If you want to start having more control over the plot, it might be a good idea to stop using the xarray
plotting interface and use matplotlib
and cartopy
directly. Here's what that might look like (replacing all of the plotting code above):
import cartopy.crs as ccrs
import matplotlib.pyplot as plt
sel = wind_abs_anom.sel(time=slice('2021-01', None))

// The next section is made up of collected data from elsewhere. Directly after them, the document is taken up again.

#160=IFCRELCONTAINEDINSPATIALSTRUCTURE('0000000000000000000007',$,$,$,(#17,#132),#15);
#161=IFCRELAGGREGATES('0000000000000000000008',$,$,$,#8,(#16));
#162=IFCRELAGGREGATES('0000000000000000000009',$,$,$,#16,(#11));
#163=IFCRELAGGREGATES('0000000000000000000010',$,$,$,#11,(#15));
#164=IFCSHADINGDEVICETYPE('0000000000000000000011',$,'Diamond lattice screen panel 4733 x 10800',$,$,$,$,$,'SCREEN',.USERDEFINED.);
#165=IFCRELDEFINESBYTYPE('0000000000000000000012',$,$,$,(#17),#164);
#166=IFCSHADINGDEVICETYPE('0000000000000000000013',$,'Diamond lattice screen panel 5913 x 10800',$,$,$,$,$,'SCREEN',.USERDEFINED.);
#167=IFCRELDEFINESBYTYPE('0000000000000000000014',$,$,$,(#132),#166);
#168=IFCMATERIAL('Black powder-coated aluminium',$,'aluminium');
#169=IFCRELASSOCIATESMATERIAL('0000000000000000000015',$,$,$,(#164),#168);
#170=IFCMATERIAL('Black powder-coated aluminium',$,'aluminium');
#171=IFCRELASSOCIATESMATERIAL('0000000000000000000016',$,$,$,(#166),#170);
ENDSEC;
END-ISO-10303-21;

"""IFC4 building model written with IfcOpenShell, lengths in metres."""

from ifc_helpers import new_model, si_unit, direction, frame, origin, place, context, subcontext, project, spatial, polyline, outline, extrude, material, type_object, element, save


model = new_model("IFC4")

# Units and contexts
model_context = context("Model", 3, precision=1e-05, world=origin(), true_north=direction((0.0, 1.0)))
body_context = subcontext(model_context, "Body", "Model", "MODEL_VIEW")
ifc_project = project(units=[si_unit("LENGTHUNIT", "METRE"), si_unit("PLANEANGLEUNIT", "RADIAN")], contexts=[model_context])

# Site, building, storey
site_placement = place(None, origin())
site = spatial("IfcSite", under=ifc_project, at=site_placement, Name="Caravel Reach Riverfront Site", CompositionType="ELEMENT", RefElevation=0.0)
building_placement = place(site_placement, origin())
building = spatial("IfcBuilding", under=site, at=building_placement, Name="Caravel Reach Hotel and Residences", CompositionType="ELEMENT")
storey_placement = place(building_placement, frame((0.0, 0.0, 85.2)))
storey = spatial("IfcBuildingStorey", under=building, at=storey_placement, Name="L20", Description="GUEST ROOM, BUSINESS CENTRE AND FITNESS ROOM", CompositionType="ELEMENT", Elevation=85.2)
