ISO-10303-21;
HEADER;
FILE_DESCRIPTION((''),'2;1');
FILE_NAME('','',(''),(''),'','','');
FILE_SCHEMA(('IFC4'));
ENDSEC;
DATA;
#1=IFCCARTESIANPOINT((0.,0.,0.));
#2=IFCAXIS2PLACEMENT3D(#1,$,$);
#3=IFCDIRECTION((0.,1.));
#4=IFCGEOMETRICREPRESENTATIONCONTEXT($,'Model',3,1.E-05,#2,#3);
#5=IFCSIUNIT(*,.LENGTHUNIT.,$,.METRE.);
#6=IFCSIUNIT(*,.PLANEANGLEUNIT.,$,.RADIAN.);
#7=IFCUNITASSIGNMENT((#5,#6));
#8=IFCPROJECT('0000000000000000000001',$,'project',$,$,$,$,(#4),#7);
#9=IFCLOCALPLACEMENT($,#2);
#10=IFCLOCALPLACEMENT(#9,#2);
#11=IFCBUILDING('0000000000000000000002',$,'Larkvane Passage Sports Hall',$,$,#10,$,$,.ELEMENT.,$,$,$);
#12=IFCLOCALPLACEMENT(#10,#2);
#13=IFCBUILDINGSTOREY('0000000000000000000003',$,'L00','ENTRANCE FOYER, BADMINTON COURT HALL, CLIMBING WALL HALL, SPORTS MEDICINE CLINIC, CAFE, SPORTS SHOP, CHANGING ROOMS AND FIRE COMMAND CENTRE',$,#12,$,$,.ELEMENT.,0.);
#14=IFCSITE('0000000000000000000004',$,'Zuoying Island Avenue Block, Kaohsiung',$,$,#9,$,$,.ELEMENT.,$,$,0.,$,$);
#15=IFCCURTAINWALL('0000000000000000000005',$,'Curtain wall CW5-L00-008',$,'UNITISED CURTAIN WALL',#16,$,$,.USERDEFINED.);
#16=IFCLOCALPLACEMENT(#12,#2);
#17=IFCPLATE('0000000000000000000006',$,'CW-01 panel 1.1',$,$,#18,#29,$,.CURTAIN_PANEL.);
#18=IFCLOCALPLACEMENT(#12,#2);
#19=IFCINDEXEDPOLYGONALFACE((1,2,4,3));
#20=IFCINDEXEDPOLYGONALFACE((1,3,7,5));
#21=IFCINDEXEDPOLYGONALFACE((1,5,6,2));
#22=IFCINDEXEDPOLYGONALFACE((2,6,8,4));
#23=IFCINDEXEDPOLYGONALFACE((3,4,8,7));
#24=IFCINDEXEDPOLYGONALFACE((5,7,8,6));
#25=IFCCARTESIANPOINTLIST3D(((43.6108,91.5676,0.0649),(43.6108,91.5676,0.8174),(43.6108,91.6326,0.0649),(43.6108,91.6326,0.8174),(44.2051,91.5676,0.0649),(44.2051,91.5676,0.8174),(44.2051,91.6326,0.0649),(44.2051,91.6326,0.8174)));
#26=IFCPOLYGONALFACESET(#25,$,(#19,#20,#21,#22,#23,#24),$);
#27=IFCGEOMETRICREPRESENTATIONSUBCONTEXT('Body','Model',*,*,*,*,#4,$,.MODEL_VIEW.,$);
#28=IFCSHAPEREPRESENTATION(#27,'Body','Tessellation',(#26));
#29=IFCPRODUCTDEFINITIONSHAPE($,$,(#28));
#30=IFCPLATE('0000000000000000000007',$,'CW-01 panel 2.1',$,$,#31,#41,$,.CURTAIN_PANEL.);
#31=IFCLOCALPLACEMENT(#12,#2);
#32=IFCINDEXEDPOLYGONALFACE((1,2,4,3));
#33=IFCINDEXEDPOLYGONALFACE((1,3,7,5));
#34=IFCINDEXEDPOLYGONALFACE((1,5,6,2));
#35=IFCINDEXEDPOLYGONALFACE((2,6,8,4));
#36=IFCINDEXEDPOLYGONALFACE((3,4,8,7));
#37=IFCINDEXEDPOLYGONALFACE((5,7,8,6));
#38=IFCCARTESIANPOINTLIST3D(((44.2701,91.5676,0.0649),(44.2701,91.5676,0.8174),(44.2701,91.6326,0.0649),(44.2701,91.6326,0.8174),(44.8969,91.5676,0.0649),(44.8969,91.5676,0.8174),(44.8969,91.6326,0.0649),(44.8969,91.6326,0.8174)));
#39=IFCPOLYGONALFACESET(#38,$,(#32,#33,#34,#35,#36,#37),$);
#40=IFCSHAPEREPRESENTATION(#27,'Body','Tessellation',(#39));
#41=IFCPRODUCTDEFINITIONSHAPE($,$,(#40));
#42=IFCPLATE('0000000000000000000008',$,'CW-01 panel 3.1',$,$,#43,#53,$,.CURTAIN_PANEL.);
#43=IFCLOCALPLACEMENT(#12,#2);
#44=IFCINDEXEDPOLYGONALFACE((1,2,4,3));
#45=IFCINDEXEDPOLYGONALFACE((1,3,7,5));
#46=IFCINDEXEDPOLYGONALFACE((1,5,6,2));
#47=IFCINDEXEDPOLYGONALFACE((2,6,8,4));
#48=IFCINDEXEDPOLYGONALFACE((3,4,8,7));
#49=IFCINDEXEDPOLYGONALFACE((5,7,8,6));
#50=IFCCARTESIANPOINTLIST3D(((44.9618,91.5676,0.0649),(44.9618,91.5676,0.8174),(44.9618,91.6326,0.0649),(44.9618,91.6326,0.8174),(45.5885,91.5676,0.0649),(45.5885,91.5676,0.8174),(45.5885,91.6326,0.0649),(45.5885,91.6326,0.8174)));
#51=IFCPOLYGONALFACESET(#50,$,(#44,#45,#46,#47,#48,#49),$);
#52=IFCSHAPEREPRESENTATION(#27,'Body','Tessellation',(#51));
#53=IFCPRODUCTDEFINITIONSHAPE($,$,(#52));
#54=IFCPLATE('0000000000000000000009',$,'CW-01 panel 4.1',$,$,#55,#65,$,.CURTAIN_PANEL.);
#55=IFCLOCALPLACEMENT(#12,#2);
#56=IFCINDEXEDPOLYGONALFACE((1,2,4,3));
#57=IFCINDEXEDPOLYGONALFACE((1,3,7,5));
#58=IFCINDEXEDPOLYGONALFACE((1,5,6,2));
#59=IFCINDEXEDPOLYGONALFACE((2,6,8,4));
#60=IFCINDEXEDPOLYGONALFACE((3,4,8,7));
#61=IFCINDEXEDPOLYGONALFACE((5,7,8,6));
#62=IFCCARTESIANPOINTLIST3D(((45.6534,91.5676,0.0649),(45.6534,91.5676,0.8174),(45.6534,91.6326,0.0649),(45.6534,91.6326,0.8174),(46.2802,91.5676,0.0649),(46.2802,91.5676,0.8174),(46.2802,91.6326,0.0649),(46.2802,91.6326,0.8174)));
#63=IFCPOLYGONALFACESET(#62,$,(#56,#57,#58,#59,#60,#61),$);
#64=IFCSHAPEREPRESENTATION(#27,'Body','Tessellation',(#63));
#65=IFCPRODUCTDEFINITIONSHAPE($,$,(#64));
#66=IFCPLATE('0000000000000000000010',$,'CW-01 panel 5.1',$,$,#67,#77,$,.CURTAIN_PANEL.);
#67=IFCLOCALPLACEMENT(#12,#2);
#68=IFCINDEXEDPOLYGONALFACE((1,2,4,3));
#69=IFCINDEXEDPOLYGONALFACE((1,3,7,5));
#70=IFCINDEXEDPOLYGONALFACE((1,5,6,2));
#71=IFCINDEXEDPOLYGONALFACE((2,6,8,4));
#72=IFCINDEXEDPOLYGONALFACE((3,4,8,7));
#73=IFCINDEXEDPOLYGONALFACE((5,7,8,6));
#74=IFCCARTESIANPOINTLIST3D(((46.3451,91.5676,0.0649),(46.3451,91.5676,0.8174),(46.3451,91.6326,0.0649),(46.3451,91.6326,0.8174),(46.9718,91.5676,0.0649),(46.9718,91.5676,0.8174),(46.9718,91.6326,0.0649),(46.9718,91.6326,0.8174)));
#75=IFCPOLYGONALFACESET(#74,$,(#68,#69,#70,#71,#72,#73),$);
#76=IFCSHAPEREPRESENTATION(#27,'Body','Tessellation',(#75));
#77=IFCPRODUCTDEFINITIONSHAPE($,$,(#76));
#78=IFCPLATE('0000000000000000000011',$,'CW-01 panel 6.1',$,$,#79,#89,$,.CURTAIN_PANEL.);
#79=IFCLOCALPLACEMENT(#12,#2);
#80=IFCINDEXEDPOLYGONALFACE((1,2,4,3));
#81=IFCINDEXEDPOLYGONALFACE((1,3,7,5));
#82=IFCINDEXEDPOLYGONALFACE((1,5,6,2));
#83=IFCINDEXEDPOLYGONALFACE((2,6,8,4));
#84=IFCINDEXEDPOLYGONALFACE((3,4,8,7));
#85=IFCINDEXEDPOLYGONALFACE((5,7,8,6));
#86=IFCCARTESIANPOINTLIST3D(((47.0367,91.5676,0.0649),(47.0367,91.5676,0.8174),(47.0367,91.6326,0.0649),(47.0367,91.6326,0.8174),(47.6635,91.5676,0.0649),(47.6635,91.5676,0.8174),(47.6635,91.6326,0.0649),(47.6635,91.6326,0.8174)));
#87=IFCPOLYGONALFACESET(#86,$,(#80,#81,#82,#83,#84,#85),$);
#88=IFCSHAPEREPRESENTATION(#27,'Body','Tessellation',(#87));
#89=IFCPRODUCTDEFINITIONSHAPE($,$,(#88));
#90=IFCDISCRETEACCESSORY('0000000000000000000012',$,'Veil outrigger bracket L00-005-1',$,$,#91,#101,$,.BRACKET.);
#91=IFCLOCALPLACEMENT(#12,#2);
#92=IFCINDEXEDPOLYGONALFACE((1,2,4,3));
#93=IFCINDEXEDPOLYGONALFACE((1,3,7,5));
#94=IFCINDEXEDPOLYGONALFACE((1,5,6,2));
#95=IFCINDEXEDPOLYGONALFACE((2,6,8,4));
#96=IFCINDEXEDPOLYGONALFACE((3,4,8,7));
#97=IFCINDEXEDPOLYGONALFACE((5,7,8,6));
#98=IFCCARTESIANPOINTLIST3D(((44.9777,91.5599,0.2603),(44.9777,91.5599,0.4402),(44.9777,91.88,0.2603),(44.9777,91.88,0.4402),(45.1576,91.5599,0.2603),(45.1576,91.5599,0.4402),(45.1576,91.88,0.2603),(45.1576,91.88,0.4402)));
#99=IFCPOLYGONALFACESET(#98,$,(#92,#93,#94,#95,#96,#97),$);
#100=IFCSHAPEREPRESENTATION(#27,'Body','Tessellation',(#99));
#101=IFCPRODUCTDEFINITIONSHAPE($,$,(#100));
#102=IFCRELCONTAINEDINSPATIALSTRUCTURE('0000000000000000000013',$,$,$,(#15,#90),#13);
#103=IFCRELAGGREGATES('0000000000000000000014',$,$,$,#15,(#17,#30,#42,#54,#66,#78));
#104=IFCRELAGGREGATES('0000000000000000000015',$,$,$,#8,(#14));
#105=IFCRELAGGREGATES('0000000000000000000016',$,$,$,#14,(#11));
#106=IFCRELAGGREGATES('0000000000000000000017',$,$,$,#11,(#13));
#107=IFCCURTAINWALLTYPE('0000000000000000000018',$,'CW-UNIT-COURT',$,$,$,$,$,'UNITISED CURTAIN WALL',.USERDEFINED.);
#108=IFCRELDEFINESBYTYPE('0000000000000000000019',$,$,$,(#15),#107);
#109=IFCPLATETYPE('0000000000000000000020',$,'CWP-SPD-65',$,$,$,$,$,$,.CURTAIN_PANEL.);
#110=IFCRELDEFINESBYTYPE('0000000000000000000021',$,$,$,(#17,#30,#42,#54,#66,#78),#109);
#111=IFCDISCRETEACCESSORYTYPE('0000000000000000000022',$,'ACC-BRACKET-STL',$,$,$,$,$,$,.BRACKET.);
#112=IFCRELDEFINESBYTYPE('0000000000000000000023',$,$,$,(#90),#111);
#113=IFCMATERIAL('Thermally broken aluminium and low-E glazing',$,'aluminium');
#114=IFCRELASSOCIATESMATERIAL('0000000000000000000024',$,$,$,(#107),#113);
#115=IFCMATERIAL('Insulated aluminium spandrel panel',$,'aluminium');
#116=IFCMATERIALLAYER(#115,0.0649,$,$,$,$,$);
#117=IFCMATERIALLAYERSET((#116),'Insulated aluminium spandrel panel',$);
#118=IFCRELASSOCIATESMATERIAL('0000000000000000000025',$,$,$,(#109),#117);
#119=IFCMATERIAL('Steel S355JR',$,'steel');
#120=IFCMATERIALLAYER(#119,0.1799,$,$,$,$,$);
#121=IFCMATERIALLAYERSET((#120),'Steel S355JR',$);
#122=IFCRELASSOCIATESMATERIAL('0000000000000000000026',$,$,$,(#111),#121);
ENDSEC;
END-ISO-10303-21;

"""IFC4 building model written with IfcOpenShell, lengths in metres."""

from ifc_helpers import new_model, si_unit, direction, frame, origin, origin_2d, place, context, subcontext, project, spatial, rectangle, extrude, material, layer, layer_set, type_object, element, aggregate, save


model = new_model("IFC4")

# Units and contexts
model_context = context("Model", 3, precision=1e-05, world=origin(), true_north=direction((0.0, 1.0)))
body_context = subcontext(model_context, "Body", "Model", "MODEL_VIEW")
ifc_project = project(units=[si_unit("LENGTHUNIT", "METRE"), si_unit("PLANEANGLEUNIT", "RADIAN")], contexts=[model_context])

# Site, building, storey
site_placement = place(None, origin())
site = spatial("IfcSite", under=ifc_project, at=site_placement, Name="Zuoying Island Avenue Block, Kaohsiung", CompositionType="ELEMENT", RefElevation=0.0)
building_placement = place(site_placement, origin())
building = spatial("IfcBuilding", under=site, at=building_placement, Name="Larkvane Passage Sports Hall", CompositionType="ELEMENT")
storey_placement = place(building_placement, origin())
storey = spatial("IfcBuildingStorey", under=building, at=storey_placement, Name="L00", Description="ENTRANCE FOYER, BADMINTON COURT HALL, CLIMBING WALL HALL, SPORTS MEDICINE CLINIC, CAFE, SPORTS SHOP, CHANGING ROOMS AND FIRE COMMAND CENTRE", CompositionType="ELEMENT", Elevation=0.0)

# Curtain wall, plates
ifc_material_1 = material(Name="Thermally broken aluminium and low-E glazing", Category="aluminium")
curtain_wall_type = type_object("IfcCurtainWallType", Name="CW-UNIT-COURT", ElementType="UNITISED CURTAIN WALL", PredefinedType="USERDEFINED", material=ifc_material_1)
curtain_wall_placement = place(storey_placement, origin())
curtain_wall = element("IfcCurtainWall", 1, at=curtain_wall_placement, inside=storey, type_object=curtain_wall_type, Name="Curtain wall CW5-L00-008", ObjectType="UNITISED CURTAIN WALL", PredefinedType="USERDEFINED")
ifc_material_2 = material(Name="Insulated aluminium spandrel panel", Category="aluminium")
ifc_layer_1 = layer(ifc_material_2, 0.0649)
ifc_layer_set_1 = layer_set([ifc_layer_1], Name="Insulated aluminium spandrel panel")
plate_type = type_object("IfcPlateType", Name="CWP-SPD-65", PredefinedType="CURTAIN_PANEL", material=ifc_layer_set_1)
plate_1_placement = place(storey_placement, frame((43.908, 91.6001, 0.0649), z_axis=(0.0, 0.0, 1.0), x_axis=(1.0, 0.0, 0.0)))
plate_1 = element("IfcPlate", 2, at=plate_1_placement, type_object=plate_type, Name="CW-01 panel 1.1", PredefinedType="CURTAIN_PANEL", context=body_context, shape_type="SweptSolid", body=[
    extrude(rectangle(XDim=0.5942, YDim=0.0649, at=origin_2d()), origin(), (0.0, 0.0, 1.0), 0.7524),
])
plate_2_placement = place(storey_placement, frame((44.5835, 91.6001, 0.0649), z_axis=(0.0, 0.0, 1.0), x_axis=(1.0, 0.0, 0.0)))
plate_2 = element("IfcPlate", 3, at=plate_2_placement, type_object=plate_type, Name="CW-01 panel 2.1", PredefinedType="CURTAIN_PANEL", context=body_context, shape_type="SweptSolid", body=[
    extrude(rectangle(XDim=0.6267, YDim=0.0649, at=origin_2d()), origin(), (0.0, 0.0, 1.0), 0.7524),
])
plate_3_placement = place(storey_placement, frame((45.2751, 91.6001, 0.0649), z_axis=(0.0, 0.0, 1.0), x_axis=(1.0, 0.0, 0.0)))
plate_3 = element("IfcPlate", 4, at=plate_3_placement, type_object=plate_type, Name="CW-01 panel 3.1", PredefinedType="CURTAIN_PANEL", context=body_context, shape_type="SweptSolid", body=[
    extrude(rectangle(XDim=0.6267, YDim=0.0649, at=origin_2d()), origin(), (0.0, 0.0, 1.0), 0.7524),
])
plate_4_placement = place(storey_placement, frame((45.9668, 91.6001, 0.0649), z_axis=(0.0, 0.0, 1.0), x_axis=(1.0, 0.0, 0.0)))
plate_4 = element("IfcPlate", 5, at=plate_4_placement, type_object=plate_type, Name="CW-01 panel 4.1", PredefinedType="CURTAIN_PANEL", context=body_context, shape_type="SweptSolid", body=[
    extrude(rectangle(XDim=0.6267, YDim=0.0649, at=origin_2d()), origin(), (0.0, 0.0, 1.0), 0.7524),
])
plate_5_placement = place(storey_placement, frame((46.6584, 91.6001, 0.0649), z_axis=(0.0, 0.0, 1.0), x_axis=(1.0, 0.0, 0.0)))
plate_5 = element("IfcPlate", 6, at=plate_5_placement, type_object=plate_type, Name="CW-01 panel 5.1", PredefinedType="CURTAIN_PANEL", context=body_context, shape_type="SweptSolid", body=[
    extrude(rectangle(XDim=0.6267, YDim=0.0649, at=origin_2d()), origin(), (0.0, 0.0, 1.0), 0.7524),
])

left, *_, right = wind_abs_anom.longitude
top, *_, bottom = wind_abs_anom.latitude # Min and max latitude.
extent = [left, right, bottom, top]
fig, axs = plt.subplots(nrows=2, ncols=3,
figsize=(15, 6),
subplot_kw={'projection': ccrs.PlateCarree()},
)
for ax, (month, group) in zip(axs.flat, sel.groupby('time.month')):
mean = group.mean(dim='time')
im = ax.imshow(mean,
transform=ccrs.PlateCarree(),
extent=extent,
cmap='RdBu_r', vmin=-3, vmax=3)
ax.set_title(f'month = {month}')
ax.coastlines()
cbar_ax = fig.add_axes([0.2, 0.0, 0.6, 0.05]) # Left, bottom, width, height.
cbar = fig.colorbar(im, cax=cbar_ax, extend='both', orientation='horizontal')
cbar.set_label('Percent deviation')
plt.show()
For some reason, when I try to use ccra.Mercator()
for the map, the data gets distorted; maybe you can figure that bit out.